Here's my dummy variable: 
 [False  True  True  True  True  True  True False  True  True] 
 [0 1 1 1 1 1 1 0 1 1]


In [36]:
Dsize = 20
pDummy = npr.rand(Dsize)
MyDummy = npr.rand(Dsize) < pDummy

from numpy import vstack

print(f"Dummies with variable probabilities: \n {vstack((MyDummy,pDummy)).T}" )

Dummies with variable probabilities: 
 [[0.         0.31023503]
 [1.         0.97051137]
 [1.         0.5898573 ]
 [0.         0.89889785]
 [0.         0.04516918]
 [0.         0.46858702]
 [0.         0.00141648]
 [1.         0.84176875]
 [1.         0.44545046]
 [1.         0.26846803]
 [1.         0.4878885 ]
 [0.         0.16778074]
 [0.         0.17727023]
 [1.         0.6941738 ]
 [0.         0.53782587]
 [0.         0.27708016]
 [0.         0.09292731]
 [1.         0.48324252]
 [0.         0.21335464]
 [0.         0.0559934 ]]


### Correlated Variables

All of the methods shown above take *independent* draws from a distribution. <br>
But suppose we want to draw several random variables that are correlated with one another?

If we want to draw from a **normal** distribution, we can use Numpy's ``multivariate_normal()`` function.

*Syntax:* **random.multivariate_normal(mean, cov, size=None)**<br>
where
- **mean** is a 1-D array-like of means (dimension ``N``)
- **cov** is a 2-D array-like of covariance matrix (``N``x``N`` )<br>Should be positive-semi-definite and symmetric.
- **size** is an int (or tuple of ints) giving the number of draws of each series.

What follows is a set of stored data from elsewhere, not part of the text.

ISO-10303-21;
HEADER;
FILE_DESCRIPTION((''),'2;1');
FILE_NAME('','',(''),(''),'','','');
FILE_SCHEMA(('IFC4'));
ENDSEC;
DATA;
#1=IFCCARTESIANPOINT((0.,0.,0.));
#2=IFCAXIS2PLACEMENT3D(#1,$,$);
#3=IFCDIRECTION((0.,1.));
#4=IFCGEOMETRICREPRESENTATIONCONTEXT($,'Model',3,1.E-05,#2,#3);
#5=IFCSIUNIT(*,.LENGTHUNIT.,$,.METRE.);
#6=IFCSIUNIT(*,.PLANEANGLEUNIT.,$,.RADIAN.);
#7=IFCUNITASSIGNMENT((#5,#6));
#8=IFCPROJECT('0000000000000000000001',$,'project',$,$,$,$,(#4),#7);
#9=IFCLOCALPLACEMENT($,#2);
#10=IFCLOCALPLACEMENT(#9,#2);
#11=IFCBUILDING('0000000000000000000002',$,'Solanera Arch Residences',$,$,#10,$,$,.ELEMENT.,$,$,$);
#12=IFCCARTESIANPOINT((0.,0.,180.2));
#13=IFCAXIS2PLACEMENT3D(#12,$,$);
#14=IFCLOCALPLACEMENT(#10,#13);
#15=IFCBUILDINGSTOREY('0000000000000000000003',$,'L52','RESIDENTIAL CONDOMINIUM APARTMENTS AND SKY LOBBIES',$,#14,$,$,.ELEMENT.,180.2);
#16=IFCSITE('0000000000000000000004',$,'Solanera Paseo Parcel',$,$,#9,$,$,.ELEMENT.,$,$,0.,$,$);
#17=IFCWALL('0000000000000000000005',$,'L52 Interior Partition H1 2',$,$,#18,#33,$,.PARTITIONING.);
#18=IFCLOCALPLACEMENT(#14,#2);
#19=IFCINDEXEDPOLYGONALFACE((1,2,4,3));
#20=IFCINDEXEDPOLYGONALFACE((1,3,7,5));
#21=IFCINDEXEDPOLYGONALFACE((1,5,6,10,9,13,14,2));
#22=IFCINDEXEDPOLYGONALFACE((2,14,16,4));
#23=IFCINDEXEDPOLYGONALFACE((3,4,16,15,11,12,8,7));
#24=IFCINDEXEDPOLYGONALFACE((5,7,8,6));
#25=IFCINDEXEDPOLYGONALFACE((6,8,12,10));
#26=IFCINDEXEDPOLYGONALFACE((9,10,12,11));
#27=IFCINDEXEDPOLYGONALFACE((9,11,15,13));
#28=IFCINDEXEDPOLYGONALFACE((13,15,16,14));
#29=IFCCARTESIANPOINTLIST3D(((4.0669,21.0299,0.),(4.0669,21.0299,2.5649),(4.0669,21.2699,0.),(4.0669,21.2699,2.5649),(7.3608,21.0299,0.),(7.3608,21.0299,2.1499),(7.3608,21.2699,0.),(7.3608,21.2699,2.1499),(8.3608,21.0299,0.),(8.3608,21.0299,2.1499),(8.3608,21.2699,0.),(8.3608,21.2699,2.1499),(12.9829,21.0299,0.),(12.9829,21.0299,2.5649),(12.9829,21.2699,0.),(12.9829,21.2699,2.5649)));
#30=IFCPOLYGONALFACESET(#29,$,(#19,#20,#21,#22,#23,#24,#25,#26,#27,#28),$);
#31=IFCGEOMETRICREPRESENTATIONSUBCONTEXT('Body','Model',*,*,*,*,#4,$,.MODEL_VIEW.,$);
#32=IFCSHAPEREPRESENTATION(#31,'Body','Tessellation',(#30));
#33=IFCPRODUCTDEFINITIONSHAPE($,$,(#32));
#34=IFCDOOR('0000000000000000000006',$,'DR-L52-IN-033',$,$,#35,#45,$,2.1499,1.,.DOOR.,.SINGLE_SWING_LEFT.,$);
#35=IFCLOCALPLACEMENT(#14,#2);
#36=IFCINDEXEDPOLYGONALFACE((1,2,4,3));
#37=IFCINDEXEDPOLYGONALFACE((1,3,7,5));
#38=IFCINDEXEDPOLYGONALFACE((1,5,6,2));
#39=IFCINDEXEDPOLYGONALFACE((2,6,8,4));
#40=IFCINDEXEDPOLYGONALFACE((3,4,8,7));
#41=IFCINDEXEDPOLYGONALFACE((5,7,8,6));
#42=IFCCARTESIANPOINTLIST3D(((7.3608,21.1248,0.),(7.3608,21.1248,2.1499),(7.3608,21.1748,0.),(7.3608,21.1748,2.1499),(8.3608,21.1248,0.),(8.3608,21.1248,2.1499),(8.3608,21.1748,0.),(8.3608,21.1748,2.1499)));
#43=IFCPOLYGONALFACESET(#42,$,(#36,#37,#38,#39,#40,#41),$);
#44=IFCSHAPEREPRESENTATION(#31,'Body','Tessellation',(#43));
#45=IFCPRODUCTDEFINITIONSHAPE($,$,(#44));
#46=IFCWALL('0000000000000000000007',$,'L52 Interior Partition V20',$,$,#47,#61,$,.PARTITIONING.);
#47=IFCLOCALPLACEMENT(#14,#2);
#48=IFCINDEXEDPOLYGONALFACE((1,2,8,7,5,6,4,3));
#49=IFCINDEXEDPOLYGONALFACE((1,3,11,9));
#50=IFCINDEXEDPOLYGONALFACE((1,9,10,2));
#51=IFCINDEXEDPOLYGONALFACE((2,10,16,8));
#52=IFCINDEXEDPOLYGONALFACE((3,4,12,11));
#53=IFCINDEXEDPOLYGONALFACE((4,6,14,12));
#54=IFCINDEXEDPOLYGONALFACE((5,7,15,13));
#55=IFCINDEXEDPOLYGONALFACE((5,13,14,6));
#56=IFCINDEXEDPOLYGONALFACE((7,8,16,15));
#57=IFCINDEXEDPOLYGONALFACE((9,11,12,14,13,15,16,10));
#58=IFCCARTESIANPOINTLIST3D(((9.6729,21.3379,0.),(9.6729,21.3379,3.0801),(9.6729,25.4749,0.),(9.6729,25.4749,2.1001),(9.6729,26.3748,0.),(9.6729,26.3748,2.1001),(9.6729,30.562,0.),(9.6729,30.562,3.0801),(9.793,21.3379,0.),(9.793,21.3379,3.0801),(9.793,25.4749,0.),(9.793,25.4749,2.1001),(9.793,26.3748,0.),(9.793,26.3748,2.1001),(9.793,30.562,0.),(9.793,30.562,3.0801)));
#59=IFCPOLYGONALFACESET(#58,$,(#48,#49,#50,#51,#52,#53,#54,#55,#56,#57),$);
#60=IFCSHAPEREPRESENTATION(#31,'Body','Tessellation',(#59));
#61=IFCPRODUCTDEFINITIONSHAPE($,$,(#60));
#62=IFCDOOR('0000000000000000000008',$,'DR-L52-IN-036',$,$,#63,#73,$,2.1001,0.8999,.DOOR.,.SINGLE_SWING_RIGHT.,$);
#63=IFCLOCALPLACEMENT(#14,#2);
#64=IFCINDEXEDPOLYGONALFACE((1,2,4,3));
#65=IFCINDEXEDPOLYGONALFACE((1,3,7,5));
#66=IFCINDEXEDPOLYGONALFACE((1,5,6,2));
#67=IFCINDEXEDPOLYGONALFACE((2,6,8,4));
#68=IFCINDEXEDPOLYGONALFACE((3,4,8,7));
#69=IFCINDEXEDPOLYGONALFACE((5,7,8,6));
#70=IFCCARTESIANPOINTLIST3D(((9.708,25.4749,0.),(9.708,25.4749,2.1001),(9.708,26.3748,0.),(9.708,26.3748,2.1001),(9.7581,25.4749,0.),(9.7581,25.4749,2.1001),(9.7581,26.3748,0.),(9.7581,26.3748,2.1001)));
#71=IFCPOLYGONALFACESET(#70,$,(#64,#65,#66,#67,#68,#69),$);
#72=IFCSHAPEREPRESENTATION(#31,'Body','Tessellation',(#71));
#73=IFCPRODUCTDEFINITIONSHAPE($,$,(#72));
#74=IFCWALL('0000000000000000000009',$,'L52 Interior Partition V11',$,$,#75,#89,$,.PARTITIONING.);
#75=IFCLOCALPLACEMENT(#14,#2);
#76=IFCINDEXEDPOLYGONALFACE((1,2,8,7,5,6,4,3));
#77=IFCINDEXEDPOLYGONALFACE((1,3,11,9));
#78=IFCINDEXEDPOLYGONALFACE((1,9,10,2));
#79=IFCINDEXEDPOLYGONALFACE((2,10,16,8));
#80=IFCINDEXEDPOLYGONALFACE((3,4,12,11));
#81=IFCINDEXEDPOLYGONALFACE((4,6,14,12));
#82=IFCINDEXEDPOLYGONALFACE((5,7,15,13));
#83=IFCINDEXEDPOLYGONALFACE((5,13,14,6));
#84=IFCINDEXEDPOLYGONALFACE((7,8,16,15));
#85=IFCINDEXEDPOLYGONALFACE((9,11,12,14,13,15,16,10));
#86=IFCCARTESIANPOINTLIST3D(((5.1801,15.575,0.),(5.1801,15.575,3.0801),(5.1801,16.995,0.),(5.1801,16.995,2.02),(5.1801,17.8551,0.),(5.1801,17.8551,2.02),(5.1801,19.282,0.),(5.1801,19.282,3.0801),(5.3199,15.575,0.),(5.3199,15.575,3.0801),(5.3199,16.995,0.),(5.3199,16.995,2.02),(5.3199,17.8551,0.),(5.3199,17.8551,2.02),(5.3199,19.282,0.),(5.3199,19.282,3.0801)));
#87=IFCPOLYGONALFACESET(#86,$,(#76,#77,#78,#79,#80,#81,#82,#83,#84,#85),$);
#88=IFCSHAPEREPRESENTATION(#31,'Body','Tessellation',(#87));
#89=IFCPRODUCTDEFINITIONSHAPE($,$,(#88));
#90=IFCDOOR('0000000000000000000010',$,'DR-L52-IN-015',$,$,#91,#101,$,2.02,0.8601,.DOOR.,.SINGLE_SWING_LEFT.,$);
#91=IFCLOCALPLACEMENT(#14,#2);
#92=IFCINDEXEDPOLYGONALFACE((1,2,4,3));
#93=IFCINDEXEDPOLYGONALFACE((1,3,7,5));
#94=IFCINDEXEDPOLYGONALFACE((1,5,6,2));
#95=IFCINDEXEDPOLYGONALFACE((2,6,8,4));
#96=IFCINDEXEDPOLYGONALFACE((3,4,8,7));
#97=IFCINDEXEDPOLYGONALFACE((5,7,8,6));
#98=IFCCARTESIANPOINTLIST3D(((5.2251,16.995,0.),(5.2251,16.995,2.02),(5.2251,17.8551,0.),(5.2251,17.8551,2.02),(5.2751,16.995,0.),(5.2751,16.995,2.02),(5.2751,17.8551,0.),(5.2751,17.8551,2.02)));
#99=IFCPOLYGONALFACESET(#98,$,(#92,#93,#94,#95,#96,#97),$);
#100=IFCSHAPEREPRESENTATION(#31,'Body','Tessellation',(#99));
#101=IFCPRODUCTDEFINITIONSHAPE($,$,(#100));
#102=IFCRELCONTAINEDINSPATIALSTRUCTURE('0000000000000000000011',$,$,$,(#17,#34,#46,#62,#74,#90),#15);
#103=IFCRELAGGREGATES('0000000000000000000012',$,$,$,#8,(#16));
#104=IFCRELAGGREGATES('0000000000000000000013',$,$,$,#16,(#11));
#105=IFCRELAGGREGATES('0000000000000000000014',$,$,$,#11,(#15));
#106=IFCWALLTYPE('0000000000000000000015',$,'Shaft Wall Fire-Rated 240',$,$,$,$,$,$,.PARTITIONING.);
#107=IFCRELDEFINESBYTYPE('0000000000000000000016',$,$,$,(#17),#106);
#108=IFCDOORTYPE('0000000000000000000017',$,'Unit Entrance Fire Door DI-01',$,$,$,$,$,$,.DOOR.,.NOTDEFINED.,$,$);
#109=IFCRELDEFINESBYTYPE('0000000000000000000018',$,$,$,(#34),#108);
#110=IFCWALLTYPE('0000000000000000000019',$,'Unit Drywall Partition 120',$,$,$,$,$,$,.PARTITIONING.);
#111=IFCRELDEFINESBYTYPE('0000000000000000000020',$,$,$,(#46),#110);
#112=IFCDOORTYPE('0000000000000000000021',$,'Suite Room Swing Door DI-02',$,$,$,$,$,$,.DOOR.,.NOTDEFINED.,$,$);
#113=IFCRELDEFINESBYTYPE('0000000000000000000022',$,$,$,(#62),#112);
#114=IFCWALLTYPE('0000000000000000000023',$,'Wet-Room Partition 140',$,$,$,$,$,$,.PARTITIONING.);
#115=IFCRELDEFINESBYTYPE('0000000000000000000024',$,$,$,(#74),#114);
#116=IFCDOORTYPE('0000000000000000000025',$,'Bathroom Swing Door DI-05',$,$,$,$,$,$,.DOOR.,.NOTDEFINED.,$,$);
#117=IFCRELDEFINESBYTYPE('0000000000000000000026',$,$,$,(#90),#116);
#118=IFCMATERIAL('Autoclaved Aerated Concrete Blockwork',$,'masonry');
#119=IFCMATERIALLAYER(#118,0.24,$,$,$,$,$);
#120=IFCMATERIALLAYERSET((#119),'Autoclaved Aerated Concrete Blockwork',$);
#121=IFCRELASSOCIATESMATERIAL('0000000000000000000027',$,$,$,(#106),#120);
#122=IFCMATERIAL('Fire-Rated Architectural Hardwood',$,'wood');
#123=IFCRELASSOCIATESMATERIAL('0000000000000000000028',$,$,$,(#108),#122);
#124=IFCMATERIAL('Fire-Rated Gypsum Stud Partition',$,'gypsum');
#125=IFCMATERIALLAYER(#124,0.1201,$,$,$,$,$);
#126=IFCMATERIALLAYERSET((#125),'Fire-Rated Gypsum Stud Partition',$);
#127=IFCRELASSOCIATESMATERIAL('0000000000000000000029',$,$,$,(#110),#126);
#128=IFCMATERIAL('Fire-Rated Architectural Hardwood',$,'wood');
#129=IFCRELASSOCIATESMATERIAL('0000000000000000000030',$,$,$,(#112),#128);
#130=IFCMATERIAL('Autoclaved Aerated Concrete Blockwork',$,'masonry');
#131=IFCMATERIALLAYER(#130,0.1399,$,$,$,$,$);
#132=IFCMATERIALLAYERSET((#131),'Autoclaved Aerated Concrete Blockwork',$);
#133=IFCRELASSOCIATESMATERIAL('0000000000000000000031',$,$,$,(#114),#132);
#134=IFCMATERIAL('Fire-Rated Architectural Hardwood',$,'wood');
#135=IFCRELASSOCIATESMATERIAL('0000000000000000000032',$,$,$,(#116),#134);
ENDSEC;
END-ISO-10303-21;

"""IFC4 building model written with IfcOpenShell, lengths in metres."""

from ifc_helpers import new_model, si_unit, direction, frame, frame_2d, origin, place, context, subcontext, project, spatial, rectangle, extrude, material, layer, layer_set, type_object, element, fill, save


model = new_model("IFC4")

# Units and contexts
model_context = context("Model", 3, precision=1e-05, world=origin(), true_north=direction((0.0, 1.0)))
body_context = subcontext(model_context, "Body", "Model", "MODEL_VIEW")
ifc_project = project(units=[si_unit("LENGTHUNIT", "METRE"), si_unit("PLANEANGLEUNIT", "RADIAN")], contexts=[model_context])

# Site, building, storey
site_placement = place(None, origin())
site = spatial("IfcSite", under=ifc_project, at=site_placement, Name="Solanera Paseo Parcel", CompositionType="ELEMENT", RefElevation=0.0)
building_placement = place(site_placement, origin())
building = spatial("IfcBuilding", under=site, at=building_placement, Name="Solanera Arch Residences", CompositionType="ELEMENT")
storey_placement = place(building_placement, frame((0.0, 0.0, 180.2)))
storey = spatial("IfcBuildingStorey", under=building, at=storey_placement, Name="L52", Description="RESIDENTIAL CONDOMINIUM APARTMENTS AND SKY LOBBIES", CompositionType="ELEMENT", Elevation=180.2)

# Shared definitions
ifc_material_1 = material(Name="Autoclaved Aerated Concrete Blockwork", Category="masonry")
ifc_layer_1 = layer(ifc_material_1, 0.24)
ifc_layer_set_1 = layer_set([ifc_layer_1], Name="Autoclaved Aerated Concrete Blockwork")
wall_type_1 = type_object("IfcWallType", Name="Shaft Wall Fire-Rated 240", PredefinedType="PARTITIONING", material=ifc_layer_set_1)

# Walls, openings, doors
wall_1_placement = place(storey_placement, frame((4.0669, 21.1499, 0.0), z_axis=(0.0, 0.0, 1.0), x_axis=(1.0, 0.0, 0.0)))
wall_1 = element("IfcWall", 1, at=wall_1_placement, inside=storey, type_object=wall_type_1, Name="L52 Interior Partition H1 2", PredefinedType="PARTITIONING", context=body_context, shape_type="SweptSolid", body=[
    extrude(rectangle(XDim=8.916, YDim=0.24, at=frame_2d((4.458, 0.0))), origin(), (0.0, 0.0, 1.0), 2.5649),
])
opening_1_placement = place(wall_1_placement, frame((3.2939, 0.0, 0.0)))
opening_1 = element("IfcOpeningElement", 2, at=opening_1_placement, cuts=wall_1, PredefinedType="OPENING", context=body_context, shape_type="SweptSolid", body=[
    extrude(rectangle(XDim=1.0, YDim=2.1499, at=frame_2d((0.5, 1.075))), frame((0.0, 0.1299, 0.0), z_axis=(0.0, -1.0, 0.0), x_axis=(1.0, 0.0, 0.0)), (0.0, 0.0, 1.0), 0.26),
])
ifc_material_2 = material(Name="Fire-Rated Architectural Hardwood", Category="wood")
door_type_1 = type_object("IfcDoorType", Name="Unit Entrance Fire Door DI-01", OperationType="NOTDEFINED", PredefinedType="DOOR", material=ifc_material_2)
door_1_placement = place(opening_1_placement, origin())
door_1 = element("IfcDoor", 3, at=door_1_placement, inside=storey, type_object=door_type_1, Name="DR-L52-IN-033", OperationType="SINGLE_SWING_LEFT", OverallHeight=2.1499, OverallWidth=1.0, PredefinedType="DOOR", context=body_context, shape_type="SweptSolid", body=[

Alternatively, we can use the fact that, if we have a vector of variables $Y$ where $V(Y) = I$<br>
then $V(Y \cdot D) = D^\prime \cdot I \cdot D = D^\prime \cdot D$. 
That means that we can 
- generate $N$ identical i.i.d. variables ``Yiid`` (so $V(Yiid) = I$).
- choose $D$ such that $D^\prime \cdot D = \Sigma$ where $\Sigma$ is the VCV matrix we want.<br>
	(A Choleski decomposition of $\Sigma$ is one way to get $D$.)
- Create ``Ycorr = Yiid @ D`` to get our correlated variables.

Note that the second method works for *any* distribution.